Cyberattacks are clearly on the rise. Recent attacks against U.S. companies and government agencies have prompted the creation of new agencies to combat growing cyberthreats. The growing number of attacks executed on industrial installations, such as energy grid, has also prompted government warnings. If an unprotected (or easily compromised) embedded system can allow attackers to access the wider network, you can only imagine the potential damage that might result.

Fortunately, there are some countermeasures you can include on your embedded system that can dramatically improve the ability of your system to withstand even the most aggressive attempts to compromise your design. All of these techniques require at least some of the hardware in your design must be trustworthy and protected from modification by unauthorized accesses. This trusted platform module (TPM) can be used to extend the zone of trust to other portions of the design to insure they are not compromised. The TPM does this by authenticating and authorizing transmissions to and from the system using known standards for encryption, decryption and authentication.

The TPM must also be secure from attacks against the hardware itself.

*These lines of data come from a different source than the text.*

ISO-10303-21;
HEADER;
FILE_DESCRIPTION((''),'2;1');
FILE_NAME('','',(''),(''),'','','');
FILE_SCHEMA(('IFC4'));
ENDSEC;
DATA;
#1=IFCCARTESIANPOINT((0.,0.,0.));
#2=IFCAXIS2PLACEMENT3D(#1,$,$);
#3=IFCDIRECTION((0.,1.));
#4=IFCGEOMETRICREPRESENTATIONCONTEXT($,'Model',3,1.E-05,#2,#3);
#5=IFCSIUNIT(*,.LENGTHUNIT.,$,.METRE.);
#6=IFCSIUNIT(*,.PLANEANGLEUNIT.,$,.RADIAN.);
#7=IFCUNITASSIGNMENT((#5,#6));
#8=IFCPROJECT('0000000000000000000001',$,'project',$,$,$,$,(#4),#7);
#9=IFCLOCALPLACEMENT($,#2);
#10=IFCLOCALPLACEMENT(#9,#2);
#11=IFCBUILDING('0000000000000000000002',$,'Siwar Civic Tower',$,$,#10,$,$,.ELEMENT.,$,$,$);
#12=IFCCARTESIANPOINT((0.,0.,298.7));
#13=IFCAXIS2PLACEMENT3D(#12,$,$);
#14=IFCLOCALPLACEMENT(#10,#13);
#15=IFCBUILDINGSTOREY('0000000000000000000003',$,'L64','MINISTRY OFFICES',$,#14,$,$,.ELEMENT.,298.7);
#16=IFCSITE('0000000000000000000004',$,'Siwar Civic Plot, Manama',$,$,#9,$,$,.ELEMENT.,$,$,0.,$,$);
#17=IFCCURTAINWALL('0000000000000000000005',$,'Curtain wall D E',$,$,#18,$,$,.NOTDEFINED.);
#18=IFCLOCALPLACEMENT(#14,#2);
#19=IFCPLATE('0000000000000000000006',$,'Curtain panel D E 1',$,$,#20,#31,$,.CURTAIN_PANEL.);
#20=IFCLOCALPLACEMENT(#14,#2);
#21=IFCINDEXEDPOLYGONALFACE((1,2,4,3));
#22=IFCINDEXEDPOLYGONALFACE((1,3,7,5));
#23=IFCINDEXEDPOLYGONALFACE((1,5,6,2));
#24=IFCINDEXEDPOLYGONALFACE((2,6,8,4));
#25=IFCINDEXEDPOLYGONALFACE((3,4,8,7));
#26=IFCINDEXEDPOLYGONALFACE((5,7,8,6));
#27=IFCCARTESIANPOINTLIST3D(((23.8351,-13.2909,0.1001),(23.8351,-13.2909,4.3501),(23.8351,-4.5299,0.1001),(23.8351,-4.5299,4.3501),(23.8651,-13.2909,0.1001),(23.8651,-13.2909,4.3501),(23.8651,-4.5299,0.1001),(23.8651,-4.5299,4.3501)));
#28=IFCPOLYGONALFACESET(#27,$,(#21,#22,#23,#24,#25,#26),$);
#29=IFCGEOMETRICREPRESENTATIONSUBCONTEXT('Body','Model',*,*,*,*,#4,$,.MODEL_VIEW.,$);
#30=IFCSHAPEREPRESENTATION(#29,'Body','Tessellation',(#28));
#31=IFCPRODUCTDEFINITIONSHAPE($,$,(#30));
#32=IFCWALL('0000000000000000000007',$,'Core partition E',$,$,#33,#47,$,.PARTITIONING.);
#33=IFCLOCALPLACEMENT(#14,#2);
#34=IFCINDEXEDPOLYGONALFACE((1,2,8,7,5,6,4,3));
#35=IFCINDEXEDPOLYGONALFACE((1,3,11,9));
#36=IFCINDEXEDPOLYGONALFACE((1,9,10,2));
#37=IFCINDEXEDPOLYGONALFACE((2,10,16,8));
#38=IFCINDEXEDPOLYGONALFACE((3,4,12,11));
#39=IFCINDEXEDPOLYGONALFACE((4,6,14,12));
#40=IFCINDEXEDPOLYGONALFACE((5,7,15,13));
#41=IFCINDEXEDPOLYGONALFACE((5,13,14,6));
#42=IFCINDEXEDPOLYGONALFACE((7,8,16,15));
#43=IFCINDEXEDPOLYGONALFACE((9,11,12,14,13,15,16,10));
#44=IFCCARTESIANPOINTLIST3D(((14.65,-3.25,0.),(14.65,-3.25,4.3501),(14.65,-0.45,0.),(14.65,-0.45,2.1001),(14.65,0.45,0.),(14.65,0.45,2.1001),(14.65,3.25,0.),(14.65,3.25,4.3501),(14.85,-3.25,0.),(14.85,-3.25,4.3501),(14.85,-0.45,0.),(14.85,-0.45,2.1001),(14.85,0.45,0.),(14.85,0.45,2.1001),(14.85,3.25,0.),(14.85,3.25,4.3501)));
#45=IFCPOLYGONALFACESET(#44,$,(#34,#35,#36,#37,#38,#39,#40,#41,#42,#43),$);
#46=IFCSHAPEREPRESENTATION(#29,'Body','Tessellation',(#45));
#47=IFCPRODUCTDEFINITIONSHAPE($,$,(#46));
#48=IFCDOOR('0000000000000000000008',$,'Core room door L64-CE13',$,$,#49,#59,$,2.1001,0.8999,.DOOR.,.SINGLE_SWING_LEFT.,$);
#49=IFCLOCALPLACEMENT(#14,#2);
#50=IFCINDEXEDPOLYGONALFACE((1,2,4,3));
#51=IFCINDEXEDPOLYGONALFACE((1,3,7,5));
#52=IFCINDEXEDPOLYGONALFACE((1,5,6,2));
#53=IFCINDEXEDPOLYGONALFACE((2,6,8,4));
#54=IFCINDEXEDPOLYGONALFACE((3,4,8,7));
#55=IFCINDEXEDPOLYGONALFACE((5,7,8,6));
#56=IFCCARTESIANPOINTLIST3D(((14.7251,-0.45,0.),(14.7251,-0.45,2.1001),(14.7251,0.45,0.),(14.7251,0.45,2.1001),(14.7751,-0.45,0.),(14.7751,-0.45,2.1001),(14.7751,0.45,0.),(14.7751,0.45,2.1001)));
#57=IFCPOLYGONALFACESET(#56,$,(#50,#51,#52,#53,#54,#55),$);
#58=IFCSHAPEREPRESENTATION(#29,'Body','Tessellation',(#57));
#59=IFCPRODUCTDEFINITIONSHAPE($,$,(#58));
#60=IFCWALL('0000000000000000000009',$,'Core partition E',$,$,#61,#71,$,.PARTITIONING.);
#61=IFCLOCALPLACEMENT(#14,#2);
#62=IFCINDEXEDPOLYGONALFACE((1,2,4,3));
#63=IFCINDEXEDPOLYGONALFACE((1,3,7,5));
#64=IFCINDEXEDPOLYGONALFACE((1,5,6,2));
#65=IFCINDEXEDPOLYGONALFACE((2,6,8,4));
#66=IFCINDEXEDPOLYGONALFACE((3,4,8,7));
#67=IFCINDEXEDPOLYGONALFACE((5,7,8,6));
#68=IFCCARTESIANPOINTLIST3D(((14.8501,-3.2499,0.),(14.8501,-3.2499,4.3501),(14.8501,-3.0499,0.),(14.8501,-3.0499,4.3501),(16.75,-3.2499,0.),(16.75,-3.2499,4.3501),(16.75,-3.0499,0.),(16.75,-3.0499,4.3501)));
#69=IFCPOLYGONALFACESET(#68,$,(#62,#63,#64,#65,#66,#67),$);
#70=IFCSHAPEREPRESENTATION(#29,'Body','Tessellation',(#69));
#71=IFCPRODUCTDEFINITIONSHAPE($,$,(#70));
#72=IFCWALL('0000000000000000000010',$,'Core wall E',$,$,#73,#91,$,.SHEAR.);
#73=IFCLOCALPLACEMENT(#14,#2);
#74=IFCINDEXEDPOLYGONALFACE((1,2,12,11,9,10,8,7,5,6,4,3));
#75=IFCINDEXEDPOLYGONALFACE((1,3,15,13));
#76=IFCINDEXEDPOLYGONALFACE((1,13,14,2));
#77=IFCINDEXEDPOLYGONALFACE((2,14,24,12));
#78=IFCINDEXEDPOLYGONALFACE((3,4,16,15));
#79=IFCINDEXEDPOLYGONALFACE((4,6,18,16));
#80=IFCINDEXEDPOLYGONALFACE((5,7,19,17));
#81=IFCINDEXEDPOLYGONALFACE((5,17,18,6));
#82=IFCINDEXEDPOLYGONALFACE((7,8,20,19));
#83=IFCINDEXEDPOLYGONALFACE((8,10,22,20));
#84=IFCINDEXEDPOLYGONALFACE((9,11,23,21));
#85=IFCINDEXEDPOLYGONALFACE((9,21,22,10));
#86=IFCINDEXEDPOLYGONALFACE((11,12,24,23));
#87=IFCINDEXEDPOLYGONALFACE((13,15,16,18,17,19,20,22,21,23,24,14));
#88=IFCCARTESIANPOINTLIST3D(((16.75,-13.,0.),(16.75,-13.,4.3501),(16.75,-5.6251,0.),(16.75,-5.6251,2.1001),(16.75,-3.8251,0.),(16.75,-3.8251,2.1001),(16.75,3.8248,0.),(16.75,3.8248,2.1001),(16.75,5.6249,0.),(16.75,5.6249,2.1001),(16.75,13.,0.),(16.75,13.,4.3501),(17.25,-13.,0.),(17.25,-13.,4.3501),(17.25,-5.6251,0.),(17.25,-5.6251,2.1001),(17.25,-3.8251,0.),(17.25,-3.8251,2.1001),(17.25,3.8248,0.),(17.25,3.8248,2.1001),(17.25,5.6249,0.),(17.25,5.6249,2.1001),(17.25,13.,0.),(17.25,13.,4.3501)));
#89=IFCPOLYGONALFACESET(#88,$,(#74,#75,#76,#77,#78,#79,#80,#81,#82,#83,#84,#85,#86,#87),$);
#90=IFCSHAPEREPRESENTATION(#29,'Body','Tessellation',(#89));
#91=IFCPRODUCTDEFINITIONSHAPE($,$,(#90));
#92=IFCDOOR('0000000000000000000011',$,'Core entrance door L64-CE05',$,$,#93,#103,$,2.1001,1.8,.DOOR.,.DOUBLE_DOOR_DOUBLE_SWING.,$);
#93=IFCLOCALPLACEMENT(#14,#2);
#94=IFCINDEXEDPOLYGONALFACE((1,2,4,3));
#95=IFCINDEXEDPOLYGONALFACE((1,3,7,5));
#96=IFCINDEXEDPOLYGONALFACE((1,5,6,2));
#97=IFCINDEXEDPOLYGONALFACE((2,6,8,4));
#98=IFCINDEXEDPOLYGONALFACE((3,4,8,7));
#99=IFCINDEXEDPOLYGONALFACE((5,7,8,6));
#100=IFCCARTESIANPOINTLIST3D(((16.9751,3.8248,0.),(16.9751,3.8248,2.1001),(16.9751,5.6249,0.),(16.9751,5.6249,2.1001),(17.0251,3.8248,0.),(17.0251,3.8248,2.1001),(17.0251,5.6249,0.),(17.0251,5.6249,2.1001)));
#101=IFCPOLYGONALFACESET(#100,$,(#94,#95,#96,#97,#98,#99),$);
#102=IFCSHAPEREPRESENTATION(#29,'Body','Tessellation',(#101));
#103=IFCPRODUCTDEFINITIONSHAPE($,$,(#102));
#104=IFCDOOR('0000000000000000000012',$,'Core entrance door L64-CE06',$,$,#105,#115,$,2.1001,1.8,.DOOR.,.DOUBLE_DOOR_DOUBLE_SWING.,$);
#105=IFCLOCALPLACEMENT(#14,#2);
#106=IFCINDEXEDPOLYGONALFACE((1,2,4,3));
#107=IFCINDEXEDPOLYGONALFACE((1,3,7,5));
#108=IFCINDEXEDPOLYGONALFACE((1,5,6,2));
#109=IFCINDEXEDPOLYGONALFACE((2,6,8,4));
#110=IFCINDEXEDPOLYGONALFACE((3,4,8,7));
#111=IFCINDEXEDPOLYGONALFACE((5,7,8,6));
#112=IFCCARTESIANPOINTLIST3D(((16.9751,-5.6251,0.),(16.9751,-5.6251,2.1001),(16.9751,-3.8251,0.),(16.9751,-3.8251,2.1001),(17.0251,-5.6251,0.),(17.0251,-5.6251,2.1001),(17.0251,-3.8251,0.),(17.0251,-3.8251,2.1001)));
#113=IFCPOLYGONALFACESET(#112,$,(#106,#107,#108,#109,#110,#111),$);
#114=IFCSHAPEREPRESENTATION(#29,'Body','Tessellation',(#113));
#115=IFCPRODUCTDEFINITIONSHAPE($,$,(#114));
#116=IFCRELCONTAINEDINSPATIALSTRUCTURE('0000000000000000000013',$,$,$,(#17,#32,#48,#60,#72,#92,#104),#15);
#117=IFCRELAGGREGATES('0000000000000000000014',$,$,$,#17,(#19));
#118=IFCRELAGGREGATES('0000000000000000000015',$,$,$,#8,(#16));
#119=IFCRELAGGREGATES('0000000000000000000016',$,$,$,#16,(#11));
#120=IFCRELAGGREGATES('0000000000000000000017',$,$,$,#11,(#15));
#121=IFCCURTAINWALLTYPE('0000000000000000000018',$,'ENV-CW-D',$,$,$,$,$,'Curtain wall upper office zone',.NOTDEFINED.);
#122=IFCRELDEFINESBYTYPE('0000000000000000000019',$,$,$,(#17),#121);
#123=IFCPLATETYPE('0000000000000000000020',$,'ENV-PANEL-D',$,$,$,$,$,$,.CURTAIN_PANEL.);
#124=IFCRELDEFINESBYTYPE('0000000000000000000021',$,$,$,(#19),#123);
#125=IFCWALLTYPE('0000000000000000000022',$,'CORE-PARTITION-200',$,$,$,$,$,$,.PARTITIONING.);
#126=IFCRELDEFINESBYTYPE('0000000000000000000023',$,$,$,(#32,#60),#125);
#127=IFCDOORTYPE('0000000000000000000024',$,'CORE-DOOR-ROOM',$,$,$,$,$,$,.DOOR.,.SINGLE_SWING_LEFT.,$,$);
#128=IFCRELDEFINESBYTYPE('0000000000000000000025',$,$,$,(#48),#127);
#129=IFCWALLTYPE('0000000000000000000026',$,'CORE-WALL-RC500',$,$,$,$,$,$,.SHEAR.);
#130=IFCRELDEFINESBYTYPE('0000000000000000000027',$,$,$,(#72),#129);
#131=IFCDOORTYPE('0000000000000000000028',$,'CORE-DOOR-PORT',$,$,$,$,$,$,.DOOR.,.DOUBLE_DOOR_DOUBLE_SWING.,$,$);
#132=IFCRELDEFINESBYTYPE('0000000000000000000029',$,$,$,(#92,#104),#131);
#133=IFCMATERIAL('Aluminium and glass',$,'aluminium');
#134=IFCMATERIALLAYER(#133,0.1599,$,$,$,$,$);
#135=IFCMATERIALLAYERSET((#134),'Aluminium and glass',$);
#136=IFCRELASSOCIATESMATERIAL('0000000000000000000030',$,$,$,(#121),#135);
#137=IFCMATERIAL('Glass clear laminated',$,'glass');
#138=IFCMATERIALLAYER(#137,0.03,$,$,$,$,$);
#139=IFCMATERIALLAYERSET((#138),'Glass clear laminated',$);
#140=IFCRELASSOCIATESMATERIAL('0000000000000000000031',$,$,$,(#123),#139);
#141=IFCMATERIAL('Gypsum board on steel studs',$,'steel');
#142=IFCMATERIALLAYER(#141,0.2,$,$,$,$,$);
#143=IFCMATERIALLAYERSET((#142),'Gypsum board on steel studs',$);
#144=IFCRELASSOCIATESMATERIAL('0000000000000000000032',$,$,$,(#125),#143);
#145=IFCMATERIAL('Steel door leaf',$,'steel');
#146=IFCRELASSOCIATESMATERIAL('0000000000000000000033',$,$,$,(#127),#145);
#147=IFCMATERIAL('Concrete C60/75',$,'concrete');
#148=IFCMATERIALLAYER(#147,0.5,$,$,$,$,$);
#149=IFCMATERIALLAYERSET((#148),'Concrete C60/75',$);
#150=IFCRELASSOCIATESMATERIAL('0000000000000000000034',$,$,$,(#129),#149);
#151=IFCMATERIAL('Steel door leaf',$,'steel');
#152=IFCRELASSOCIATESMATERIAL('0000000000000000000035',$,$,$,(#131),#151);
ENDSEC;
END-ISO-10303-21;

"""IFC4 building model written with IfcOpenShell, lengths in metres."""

from ifc_helpers import new_model, si_unit, direction, frame, frame_2d, origin, origin_2d, place, context, subcontext, project, spatial, rectangle, extrude, material, layer, layer_set, type_object, element, fill, aggregate, save


model = new_model("IFC4")

# Units and contexts
model_context = context("Model", 3, precision=1e-05, world=origin(), true_north=direction((0.0, 1.0)))
body_context = subcontext(model_context, "Body", "Model", "MODEL_VIEW")
ifc_project = project(units=[si_unit("LENGTHUNIT", "METRE"), si_unit("PLANEANGLEUNIT", "RADIAN")], contexts=[model_context])

# Site, building, storey
site_placement = place(None, origin())
site = spatial("IfcSite", under=ifc_project, at=site_placement, Name="Siwar Civic Plot, Manama", CompositionType="ELEMENT", RefElevation=0.0)
building_placement = place(site_placement, origin())
building = spatial("IfcBuilding", under=site, at=building_placement, Name="Siwar Civic Tower", CompositionType="ELEMENT")
storey_placement = place(building_placement, frame((0.0, 0.0, 298.7)))
storey = spatial("IfcBuildingStorey", under=building, at=storey_placement, Name="L64", Description="MINISTRY OFFICES", CompositionType="ELEMENT", Elevation=298.7)

# Curtain wall
ifc_material_1 = material(Name="Aluminium and glass", Category="aluminium")
ifc_layer_1 = layer(ifc_material_1, 0.1599)
ifc_layer_set_1 = layer_set([ifc_layer_1], Name="Aluminium and glass")
curtain_wall_type = type_object("IfcCurtainWallType", Name="ENV-CW-D", ElementType="Curtain wall upper office zone", PredefinedType="NOTDEFINED", material=ifc_layer_set_1)
curtain_wall_placement = place(storey_placement, origin())
curtain_wall = element("IfcCurtainWall", 1, at=curtain_wall_placement, inside=storey, type_object=curtain_wall_type, Name="Curtain wall D E", PredefinedType="NOTDEFINED")
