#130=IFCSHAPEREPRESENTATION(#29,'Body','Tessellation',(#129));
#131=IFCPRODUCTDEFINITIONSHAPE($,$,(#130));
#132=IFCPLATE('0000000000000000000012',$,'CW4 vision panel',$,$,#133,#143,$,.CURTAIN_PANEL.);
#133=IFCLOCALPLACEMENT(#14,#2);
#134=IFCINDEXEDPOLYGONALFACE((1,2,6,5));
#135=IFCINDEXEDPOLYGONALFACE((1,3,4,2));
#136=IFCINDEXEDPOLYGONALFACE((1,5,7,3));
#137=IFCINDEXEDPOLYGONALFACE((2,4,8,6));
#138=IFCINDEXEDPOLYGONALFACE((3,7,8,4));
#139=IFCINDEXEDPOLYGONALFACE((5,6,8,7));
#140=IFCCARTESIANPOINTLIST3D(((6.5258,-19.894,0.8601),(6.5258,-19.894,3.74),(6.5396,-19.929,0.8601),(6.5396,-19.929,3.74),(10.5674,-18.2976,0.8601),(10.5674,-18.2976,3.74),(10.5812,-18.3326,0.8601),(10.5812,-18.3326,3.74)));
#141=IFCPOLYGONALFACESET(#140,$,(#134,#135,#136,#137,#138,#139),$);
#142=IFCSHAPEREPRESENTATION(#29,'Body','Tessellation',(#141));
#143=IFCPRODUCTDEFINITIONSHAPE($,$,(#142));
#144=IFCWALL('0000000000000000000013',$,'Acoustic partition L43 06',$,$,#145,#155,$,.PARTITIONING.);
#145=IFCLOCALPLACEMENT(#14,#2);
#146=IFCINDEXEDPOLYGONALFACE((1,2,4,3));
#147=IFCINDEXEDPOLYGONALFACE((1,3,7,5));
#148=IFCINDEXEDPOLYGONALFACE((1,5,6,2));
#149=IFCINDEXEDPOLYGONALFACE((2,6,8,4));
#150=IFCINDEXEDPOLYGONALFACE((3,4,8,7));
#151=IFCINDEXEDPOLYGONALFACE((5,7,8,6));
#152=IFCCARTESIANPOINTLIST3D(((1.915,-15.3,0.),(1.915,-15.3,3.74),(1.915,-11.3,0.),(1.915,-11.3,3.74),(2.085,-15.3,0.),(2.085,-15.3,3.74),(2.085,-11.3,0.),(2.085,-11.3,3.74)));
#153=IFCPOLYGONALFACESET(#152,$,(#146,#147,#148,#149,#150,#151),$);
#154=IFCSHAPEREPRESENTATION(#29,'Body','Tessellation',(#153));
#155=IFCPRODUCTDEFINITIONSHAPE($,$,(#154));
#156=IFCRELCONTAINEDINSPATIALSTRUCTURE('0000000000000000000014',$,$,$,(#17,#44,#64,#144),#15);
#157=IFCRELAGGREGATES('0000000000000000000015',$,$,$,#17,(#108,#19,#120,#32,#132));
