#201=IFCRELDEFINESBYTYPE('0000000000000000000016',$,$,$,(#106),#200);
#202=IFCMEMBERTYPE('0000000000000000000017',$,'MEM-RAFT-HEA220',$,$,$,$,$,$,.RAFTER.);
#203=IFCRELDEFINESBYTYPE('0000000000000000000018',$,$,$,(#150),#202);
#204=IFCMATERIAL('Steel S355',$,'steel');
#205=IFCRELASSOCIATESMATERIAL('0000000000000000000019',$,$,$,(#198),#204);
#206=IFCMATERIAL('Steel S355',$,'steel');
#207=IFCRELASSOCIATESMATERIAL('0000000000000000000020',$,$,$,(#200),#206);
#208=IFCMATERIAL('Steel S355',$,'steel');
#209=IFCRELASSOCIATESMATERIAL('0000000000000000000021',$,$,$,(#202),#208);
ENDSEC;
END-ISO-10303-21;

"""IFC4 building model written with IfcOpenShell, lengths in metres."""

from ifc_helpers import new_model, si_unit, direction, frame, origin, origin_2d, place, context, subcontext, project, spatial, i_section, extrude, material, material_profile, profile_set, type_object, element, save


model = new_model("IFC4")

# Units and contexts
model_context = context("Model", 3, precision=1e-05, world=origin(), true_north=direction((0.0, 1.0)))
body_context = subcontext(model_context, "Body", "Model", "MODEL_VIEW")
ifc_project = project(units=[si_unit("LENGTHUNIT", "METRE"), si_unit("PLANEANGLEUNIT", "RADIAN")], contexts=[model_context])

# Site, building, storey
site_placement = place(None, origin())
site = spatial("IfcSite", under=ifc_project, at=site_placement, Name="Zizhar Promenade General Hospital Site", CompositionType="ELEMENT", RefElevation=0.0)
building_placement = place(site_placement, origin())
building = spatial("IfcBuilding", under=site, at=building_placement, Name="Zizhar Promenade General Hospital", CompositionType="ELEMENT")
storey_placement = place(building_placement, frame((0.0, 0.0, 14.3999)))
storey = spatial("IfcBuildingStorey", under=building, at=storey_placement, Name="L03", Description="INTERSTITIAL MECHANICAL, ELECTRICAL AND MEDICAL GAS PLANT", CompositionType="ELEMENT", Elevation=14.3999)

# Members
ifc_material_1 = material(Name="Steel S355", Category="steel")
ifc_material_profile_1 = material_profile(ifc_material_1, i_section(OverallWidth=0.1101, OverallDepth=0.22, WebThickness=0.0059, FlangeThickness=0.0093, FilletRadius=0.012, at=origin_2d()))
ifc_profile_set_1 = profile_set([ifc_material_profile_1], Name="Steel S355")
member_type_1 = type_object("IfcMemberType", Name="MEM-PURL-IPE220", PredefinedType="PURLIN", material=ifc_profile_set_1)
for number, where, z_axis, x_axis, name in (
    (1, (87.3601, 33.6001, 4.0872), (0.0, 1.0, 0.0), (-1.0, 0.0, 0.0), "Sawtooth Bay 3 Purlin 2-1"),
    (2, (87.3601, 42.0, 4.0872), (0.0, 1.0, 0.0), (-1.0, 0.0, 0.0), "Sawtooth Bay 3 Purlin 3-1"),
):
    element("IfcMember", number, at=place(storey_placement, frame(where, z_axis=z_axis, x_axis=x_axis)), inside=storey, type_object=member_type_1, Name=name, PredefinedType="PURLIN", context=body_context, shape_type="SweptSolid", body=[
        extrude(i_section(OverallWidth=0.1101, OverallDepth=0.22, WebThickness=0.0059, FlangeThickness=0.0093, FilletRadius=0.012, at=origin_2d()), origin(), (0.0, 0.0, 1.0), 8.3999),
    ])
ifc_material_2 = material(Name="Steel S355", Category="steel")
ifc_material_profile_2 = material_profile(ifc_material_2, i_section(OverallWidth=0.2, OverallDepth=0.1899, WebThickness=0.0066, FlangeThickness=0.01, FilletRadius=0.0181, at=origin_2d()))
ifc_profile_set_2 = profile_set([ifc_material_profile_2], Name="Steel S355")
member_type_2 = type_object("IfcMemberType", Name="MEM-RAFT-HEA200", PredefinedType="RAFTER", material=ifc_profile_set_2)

Often, hackers will simply purchase a system (or steal one) and then use known reverse engineering techniques to find flaws and weaknesses in your design. These can be exploited to create attacks against other system installed in the field. With network that can access a pervasive feature of most embedded systems, it can be very easy to access a system remotely and gain access via reverse engineered weaknesses. Often, embedded systems also use the network to load bug fixes and remote updates. Hackers can also use this capability to install their own code onto an embedded system allowing them to watch all the traffic in and out of the system. Code installed at the root of the system (a root ‘kit’ in hacker terms) is almost impossible to detect and remove since it can control (and modify the results of) any update or detection commands.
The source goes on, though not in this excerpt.